I don't think that reality has set in yet. Too many boomers still have pensions. Give it another 20 years when people who mostly don't have pensions start to retire. Then see what happens when they actually have to live on what they saved.

Grace. said...

My father didn't graduate from high school. He was a longshoreman. He retired with a pension and lifelong healthcare. I have a post-graduate college degree. My employer contributes 6% to my 401(k) but that only started 20 years ago. Bottom line? My retirement is taking a lot more work than my dad's.

There are a lot of reasons for this recession and not many of them have anything to do with the pensions of state workers. It galls me that politicians try to make these folks (I'm NOT one of them) the fall guys for two decades of bad economic policies and corporate greed.

Josie said...

LAL, you're painting with a pretty broad brush there. A lot of people DID consider the long term, but the rules changed in the middle of the game.

Not all of us used our homes as an ATM, or took out mortgages we couldn't afford, or live large on a small income.

I echo Grace's sentiments about politicians and media blaming the financial mess on state pensions and unions, etc. This country had a `casino economy' for decades - whatever could go round, did go round, and regulating anything at all went straight out the door. Add to that 10 years of war financed by .... oh wait, that's right, they weren't financed! Point being, many causes to this problem.

A lot of people did scrimp and save, and still DO, and aren't any the better for it through very little if any fault of their own.

freedowload said...
This comment has been removed by a blog administrator.
MasterPo said...

Grace - State pensions and retirement bennies the cause for the recession? Probably not. It it surely is a reason we are now in this funk and can't get out.

So if a person made $80,000 at retirement, retires at 65 and lives another 20 years that means the state has to pay them $56,000/yr for doing nothing. That's equal to a decent wage for a working person! (and that doesn't include the healthcare coverage)

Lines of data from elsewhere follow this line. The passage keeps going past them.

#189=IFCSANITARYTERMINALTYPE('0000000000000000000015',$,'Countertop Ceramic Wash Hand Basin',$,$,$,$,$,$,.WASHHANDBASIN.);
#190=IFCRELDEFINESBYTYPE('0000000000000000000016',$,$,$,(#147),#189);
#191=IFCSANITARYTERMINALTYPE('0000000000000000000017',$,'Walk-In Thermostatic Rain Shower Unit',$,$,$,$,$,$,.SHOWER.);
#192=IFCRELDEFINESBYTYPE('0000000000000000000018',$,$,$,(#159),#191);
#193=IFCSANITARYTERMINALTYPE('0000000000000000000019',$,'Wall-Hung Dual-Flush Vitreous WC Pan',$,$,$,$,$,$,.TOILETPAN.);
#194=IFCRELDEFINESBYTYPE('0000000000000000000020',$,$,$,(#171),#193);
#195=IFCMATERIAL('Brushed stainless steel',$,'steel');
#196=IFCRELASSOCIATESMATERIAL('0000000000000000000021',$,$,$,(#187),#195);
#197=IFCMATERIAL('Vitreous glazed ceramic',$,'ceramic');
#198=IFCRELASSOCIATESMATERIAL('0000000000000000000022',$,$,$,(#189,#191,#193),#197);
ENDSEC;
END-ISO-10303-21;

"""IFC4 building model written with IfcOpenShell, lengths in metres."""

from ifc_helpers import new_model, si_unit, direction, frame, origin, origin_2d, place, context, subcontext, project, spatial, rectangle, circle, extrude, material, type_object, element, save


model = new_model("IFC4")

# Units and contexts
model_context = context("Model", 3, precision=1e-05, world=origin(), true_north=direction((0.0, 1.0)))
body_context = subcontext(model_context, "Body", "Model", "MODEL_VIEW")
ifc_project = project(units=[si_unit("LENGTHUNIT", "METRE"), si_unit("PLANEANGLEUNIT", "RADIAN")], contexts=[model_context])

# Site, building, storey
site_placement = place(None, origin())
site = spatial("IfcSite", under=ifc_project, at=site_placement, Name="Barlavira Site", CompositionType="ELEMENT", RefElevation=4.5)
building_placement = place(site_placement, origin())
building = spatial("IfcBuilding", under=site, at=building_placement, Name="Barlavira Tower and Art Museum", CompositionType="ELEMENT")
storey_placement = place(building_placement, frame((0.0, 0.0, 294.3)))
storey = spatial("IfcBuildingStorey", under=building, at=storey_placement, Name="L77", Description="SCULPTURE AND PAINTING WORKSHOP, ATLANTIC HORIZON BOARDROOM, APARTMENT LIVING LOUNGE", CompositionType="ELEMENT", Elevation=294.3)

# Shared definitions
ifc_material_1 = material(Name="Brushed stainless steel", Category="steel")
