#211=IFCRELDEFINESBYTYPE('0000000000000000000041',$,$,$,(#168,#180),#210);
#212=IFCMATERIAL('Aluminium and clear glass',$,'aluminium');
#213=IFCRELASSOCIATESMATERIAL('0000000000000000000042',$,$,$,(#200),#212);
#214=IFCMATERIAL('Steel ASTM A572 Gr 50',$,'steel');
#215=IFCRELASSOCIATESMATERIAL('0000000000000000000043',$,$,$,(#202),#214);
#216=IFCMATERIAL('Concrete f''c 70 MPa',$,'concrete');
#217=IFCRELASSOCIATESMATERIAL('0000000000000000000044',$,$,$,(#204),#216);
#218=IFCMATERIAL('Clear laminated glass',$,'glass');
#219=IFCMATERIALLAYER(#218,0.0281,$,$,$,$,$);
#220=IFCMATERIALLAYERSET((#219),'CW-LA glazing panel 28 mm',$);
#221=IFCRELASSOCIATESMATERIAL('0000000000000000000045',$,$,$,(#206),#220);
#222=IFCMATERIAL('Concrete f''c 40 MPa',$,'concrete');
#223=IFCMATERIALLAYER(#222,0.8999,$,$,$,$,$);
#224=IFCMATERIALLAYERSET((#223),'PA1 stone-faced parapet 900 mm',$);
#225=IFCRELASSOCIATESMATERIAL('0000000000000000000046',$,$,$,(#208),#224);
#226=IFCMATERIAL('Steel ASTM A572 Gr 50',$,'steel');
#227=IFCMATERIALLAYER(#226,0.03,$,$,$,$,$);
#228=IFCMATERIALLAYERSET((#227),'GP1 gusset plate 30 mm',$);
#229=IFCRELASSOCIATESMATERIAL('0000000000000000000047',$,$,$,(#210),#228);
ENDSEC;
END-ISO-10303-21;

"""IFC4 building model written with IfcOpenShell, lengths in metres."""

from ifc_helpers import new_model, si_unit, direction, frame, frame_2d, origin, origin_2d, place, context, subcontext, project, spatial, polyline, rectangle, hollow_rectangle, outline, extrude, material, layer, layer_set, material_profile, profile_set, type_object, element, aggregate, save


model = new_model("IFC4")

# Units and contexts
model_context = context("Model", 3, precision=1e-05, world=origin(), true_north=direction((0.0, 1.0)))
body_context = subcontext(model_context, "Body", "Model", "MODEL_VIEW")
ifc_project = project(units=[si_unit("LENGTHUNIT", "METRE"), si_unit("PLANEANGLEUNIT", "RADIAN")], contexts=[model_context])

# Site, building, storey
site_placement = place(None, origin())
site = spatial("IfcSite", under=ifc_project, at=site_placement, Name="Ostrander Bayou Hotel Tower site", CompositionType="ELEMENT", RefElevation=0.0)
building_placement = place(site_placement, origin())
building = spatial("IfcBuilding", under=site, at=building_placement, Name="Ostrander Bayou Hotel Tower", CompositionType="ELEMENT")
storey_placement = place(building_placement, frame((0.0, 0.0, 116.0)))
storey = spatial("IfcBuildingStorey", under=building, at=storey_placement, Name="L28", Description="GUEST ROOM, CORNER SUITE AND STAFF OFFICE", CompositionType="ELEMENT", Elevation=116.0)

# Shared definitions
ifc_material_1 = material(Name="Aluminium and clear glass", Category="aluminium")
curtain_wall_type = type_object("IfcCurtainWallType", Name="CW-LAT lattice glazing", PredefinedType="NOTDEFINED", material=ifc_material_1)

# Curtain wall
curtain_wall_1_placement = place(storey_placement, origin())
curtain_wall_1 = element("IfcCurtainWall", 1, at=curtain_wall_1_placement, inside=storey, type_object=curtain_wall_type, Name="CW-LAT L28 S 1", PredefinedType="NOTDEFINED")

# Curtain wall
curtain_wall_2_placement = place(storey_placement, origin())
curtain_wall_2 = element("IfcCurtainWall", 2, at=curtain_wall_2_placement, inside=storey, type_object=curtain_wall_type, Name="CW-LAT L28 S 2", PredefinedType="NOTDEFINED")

Then add in disability, cashing in unused sick or vacation time for more pension $$$, etc and it really adds up.

The other key factor NOT to be over looked is the VAST majority of private sector workers (union and non) don't have anywhere near all that retirement bennies.

Living Almost Large said...

Exactly it's compounded. The pensions are costing a lot and they are taking away jobs from people.

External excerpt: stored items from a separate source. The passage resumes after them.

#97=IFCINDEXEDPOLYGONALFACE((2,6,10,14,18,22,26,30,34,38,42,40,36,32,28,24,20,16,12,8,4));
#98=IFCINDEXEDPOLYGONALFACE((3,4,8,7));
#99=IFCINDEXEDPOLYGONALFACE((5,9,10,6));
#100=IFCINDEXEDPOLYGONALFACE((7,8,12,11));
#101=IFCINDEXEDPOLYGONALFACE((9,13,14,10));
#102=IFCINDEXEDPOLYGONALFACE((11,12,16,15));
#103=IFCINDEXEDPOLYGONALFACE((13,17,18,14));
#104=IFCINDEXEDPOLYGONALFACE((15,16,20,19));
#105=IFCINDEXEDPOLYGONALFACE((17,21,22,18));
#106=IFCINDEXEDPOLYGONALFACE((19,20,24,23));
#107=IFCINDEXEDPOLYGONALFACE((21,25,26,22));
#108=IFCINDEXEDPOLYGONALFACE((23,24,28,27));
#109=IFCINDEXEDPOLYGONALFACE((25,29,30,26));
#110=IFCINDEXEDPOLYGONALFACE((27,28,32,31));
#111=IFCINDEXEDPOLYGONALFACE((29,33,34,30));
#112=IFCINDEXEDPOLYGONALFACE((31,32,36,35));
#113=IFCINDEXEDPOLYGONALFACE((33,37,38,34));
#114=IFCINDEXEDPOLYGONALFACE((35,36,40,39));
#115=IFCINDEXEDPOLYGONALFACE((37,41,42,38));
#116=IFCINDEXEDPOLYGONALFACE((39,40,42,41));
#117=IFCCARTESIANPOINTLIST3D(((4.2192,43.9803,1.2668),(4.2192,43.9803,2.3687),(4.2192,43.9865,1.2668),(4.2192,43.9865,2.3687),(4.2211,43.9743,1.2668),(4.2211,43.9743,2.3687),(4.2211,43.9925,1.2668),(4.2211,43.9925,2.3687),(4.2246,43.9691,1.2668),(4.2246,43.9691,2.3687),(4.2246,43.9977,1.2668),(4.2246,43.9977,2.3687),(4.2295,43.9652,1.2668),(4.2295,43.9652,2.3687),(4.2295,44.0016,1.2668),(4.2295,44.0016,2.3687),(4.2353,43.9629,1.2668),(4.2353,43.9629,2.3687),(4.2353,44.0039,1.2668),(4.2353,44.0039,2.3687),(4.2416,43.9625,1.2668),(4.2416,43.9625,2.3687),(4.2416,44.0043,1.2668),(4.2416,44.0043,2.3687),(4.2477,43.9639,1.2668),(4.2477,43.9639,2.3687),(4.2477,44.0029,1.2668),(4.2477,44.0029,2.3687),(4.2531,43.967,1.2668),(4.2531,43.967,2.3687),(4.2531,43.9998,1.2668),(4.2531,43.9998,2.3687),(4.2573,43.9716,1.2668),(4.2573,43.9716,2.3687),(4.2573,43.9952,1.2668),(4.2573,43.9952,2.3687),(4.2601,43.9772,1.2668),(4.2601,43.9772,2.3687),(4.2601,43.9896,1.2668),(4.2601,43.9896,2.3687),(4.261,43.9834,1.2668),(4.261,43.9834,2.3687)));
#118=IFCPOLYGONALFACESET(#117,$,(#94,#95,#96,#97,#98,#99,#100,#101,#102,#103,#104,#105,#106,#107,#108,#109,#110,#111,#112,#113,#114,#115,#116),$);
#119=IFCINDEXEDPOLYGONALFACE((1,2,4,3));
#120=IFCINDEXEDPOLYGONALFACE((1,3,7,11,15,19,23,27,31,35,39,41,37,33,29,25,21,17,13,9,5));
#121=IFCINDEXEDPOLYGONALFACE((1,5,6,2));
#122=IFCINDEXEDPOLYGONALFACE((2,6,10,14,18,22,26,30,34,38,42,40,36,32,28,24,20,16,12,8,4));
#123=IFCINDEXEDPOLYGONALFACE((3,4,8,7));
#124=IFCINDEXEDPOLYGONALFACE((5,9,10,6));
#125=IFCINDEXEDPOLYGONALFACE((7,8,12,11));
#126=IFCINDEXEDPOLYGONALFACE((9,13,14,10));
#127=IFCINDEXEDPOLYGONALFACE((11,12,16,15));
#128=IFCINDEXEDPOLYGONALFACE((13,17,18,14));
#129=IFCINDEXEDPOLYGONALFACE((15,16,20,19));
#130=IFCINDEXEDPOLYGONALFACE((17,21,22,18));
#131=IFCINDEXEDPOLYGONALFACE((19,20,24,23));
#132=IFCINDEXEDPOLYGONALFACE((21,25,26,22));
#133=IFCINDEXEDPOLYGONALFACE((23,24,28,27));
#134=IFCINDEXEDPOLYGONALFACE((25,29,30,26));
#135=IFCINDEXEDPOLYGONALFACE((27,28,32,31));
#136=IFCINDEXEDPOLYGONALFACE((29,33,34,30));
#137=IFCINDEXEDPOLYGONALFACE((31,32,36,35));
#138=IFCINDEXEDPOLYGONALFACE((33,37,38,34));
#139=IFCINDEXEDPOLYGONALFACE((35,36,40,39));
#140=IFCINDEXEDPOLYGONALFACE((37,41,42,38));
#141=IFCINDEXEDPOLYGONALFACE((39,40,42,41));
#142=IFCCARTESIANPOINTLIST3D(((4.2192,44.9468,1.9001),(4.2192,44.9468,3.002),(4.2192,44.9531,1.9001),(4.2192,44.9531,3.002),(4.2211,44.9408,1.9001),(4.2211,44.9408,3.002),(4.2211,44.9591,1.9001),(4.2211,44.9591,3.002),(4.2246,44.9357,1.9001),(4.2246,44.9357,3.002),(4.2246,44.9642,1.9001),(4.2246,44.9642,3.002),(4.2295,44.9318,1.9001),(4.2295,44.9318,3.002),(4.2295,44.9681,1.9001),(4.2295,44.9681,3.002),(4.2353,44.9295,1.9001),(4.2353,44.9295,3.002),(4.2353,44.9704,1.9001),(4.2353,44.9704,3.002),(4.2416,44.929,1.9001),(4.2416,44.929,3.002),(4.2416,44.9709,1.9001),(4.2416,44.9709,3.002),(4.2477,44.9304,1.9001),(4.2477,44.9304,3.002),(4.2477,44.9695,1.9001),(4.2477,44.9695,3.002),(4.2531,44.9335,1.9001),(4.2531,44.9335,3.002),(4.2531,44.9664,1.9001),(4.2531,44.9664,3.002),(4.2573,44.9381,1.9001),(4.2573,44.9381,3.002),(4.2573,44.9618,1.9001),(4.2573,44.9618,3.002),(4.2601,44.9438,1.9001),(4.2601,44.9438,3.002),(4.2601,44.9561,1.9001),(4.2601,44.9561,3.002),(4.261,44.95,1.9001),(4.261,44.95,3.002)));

It's not an easy thing to fund pensions while growing the jobs for people. There's a reason why it's an unsustainable model.

And a lot of people do not have pensions and have no idea how to retire with the idea of saving money. Not many people 60+ have no pension. If that's the case they are still okay.

But those who don't have pensions now are preparing more because they realize it. But there are those who realize it.